— За рацией.
Я шмыгнула направо вдоль плетней — с этой стороны во всем порядке окон не было… Вот и сад в белых чулках. Под один улей толкаюсь, под другой — нет моего рюкзака, нет рации. От волнения я взмокла. Браню себя в душе: «Расквасилась, дура. Не суетись, толком ищи! Никого тут не было, никто не мог быть. Подняли бы тревогу».
Тут-то меня и настиг дед. Вырвал из рук грабли. Я его попросила наклониться и зашептала на ухо: призналась, что спрятала, а найти не могу. Он меня слегка смазал по загривку:
— Вертайся домой и сиди мышкой!
Я ослушаться не посмела. Однако в дом не пошла, а уселась на корточках в огороде под плетнем. Жду. Дед вернулся через двадцать две минуты — я по часам следила. Притащил и рюкзак и рацию. Меня поднял и коленом стукнул по известному месту. Все молчком. Только сопит и чихает. Тихо, вроде кошки. Значит, нанюхался табаку. Это я его угостила: второпях бухнула слишком много.
Мы в хату вошли, а старик все чихает и чихает. На меня не смотрит. Мрачный стал.
— Дедушка, — говорю, — я ж иначе не могла. Не выходить же с рюкзаком на улицу. В казарме гитлеровцы при открытой двери…
Старик снова вышел в огород, принес мешок с грузом. Буйвол, а не дед. В этом мешке поболе шестидесяти кило… Вот он затворяет дверь на крюк, груз сваливает в горенку…
— Дедушка, — говорю, — вы нашли, а я почему не обнаружила?
Не отвечает. Только чих да чих. Грабли поставил в угол, шинель снял и мне показал руками, чтобы скинула телогрейку. Онемел он, что ли? Зло рванул из моих рук ватник, вытряхнул из карманов обе гранатки лимонки, пистолетик, фонарик, компас, карандаш — обезоружил. И все качает кудлатой башкой и что-то про себя бурчит. Через плечо повесил полотенце — громко стал сморкаться.
— Дедушка, — говорю, — вы мне, значит, не доверяете? Заберите тогда и финку. Так и эдак я против вас цыпленок.
Финку взял, ни слова не проронил. Глухонемой — и только. Запалил бензиновую моргалку (я потом узнала — бензин для света годится, надо только в него соль сыпать). Глаза старика сверкают из-под бровей, как у первобытного: я таких видела на школьных картинках, в жизни встречать не приходилось.
Полутьма, наружных звуков нет, потрескивают в печи угольки. Дед толкнул меня в горенку…
Это надо рассказать. Горенка при свете бензиновой моргалки так выглядела. Пол набран из широких некрашеных досок. Стены хоть и выбеленные, однако все в копоти, и местами куделью висит черная паутина. Посреди круглый стол под клеенкой. На столе навалено: топор, книжка молитвенная с крестом на обложке, тряпки какие-то, плотницкий ящичек с инструментами и гвоздями. Стоит у стены кровать железная с шишками, покрытая прожиренным, как блин, лоскутным одеялом. Подушка — хоть она и в цветочках, но от грязи их почти не видно. Три крестьянских дубовых стула, диванчик деревянный, точь-в-точь как у нас; такой папка сам сколотил. Главное же в горенке — большущий иконостас, где кроме Иисуса благословляющего толпились во множестве разные святые. Лампадка замасленная и запыленная — никогда ее, видно, не зажигали. Окно горенки было затянуто серым сукном, а может, байкой.

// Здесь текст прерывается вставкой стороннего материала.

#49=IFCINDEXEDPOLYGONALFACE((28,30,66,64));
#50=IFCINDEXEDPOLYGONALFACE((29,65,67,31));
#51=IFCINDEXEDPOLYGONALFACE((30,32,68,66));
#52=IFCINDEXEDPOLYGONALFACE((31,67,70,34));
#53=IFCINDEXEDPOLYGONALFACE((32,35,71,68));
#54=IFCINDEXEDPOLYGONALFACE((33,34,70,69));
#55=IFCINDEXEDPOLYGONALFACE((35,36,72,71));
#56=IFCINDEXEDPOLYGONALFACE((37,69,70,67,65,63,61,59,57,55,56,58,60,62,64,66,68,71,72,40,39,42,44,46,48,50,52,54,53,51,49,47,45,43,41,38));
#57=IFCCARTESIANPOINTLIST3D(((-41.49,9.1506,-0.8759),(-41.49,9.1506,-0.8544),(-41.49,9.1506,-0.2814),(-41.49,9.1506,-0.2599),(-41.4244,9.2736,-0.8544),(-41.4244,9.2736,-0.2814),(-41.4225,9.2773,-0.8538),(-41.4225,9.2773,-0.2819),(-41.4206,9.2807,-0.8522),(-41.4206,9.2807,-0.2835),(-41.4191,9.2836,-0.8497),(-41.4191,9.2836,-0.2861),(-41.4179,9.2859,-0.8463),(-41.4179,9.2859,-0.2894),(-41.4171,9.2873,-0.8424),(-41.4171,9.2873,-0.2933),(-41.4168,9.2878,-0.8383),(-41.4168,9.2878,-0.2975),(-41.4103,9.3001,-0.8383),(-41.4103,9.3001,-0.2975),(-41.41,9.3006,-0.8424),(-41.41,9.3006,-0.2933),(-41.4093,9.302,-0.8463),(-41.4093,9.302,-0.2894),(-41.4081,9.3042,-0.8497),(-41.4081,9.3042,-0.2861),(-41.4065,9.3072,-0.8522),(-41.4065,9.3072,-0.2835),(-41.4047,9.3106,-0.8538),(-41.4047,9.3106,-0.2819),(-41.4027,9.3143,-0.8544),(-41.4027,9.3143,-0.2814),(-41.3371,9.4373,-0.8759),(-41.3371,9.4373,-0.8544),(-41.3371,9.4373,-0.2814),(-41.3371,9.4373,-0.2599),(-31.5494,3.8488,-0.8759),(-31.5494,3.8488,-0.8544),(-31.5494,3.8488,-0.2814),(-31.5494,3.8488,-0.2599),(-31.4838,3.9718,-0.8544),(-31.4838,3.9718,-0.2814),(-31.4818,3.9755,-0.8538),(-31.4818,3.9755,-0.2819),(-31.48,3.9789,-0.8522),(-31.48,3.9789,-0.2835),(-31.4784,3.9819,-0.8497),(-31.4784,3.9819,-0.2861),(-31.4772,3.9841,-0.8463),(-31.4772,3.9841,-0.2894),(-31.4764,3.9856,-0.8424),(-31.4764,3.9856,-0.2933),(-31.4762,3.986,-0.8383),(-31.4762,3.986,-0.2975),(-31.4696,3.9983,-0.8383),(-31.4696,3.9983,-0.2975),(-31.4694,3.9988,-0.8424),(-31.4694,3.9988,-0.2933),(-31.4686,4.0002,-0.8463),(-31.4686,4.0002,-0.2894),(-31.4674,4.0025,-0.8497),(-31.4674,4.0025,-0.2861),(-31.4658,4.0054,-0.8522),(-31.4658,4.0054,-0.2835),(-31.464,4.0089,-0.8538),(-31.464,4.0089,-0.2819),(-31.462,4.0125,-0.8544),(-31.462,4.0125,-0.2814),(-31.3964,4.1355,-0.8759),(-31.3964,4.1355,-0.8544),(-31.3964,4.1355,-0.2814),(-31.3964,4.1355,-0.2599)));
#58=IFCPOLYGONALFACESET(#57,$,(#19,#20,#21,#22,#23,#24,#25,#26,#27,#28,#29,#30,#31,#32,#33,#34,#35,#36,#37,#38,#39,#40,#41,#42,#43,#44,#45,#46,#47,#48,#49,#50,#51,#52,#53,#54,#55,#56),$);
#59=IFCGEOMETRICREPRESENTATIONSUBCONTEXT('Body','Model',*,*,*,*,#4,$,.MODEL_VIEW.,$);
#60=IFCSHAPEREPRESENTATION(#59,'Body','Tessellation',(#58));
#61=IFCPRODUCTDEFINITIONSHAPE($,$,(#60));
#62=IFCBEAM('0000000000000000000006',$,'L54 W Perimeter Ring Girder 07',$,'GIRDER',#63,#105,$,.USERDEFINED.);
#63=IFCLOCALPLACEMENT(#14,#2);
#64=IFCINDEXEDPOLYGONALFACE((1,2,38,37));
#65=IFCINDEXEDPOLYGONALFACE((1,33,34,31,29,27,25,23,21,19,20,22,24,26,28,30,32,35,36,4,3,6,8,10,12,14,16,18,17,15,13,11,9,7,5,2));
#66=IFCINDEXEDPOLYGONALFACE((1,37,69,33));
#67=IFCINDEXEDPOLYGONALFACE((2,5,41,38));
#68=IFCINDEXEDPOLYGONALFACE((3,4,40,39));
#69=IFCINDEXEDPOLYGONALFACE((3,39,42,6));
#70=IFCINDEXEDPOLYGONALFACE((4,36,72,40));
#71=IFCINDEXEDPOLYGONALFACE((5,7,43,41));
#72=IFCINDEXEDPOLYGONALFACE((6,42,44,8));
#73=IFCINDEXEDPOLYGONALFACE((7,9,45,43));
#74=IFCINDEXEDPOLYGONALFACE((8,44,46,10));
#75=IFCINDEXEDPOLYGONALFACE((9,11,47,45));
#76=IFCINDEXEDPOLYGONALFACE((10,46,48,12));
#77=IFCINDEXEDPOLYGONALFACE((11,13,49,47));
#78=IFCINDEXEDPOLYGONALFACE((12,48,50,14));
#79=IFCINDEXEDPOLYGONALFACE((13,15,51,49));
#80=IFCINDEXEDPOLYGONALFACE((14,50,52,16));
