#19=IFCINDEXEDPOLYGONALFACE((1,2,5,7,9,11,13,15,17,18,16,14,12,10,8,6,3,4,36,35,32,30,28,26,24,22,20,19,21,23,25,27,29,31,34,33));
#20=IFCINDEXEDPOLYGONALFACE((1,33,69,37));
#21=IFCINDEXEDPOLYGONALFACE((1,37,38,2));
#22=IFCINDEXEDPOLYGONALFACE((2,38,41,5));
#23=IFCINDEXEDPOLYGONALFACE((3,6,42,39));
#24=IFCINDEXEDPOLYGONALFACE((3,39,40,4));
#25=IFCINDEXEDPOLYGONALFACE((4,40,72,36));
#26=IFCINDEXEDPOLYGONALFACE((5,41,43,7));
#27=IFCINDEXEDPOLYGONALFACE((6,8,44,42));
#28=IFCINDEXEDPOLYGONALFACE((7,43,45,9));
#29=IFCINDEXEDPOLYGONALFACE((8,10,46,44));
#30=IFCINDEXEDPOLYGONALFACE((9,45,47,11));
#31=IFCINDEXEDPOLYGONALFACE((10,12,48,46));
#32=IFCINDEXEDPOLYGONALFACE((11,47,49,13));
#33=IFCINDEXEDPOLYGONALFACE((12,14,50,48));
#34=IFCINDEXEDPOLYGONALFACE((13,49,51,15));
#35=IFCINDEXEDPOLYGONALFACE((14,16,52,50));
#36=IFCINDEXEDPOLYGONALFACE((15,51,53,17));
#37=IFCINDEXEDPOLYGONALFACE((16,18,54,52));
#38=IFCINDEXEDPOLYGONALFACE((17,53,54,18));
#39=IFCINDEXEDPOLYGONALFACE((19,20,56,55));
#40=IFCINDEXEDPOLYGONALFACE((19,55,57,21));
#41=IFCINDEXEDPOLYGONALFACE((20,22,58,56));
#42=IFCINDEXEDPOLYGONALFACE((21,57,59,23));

Старик отодвинул диванчик, отвалил широкую закладку — раскрылся вход в подпол. Он туда сбросил груз-мешок. Рюкзак пока не тронул, рацию уложил в иконостас, для чего открыл дверцу, и там оказалось место ровно для «Северка» с комплектом питания. Я хоть и была в напряжении, все замечала. Очень меня успокоило, что дед понимал, как обращаться с моей аппаратурой…
— Дедушка, — говорю, — я, ей-богу, не виновата.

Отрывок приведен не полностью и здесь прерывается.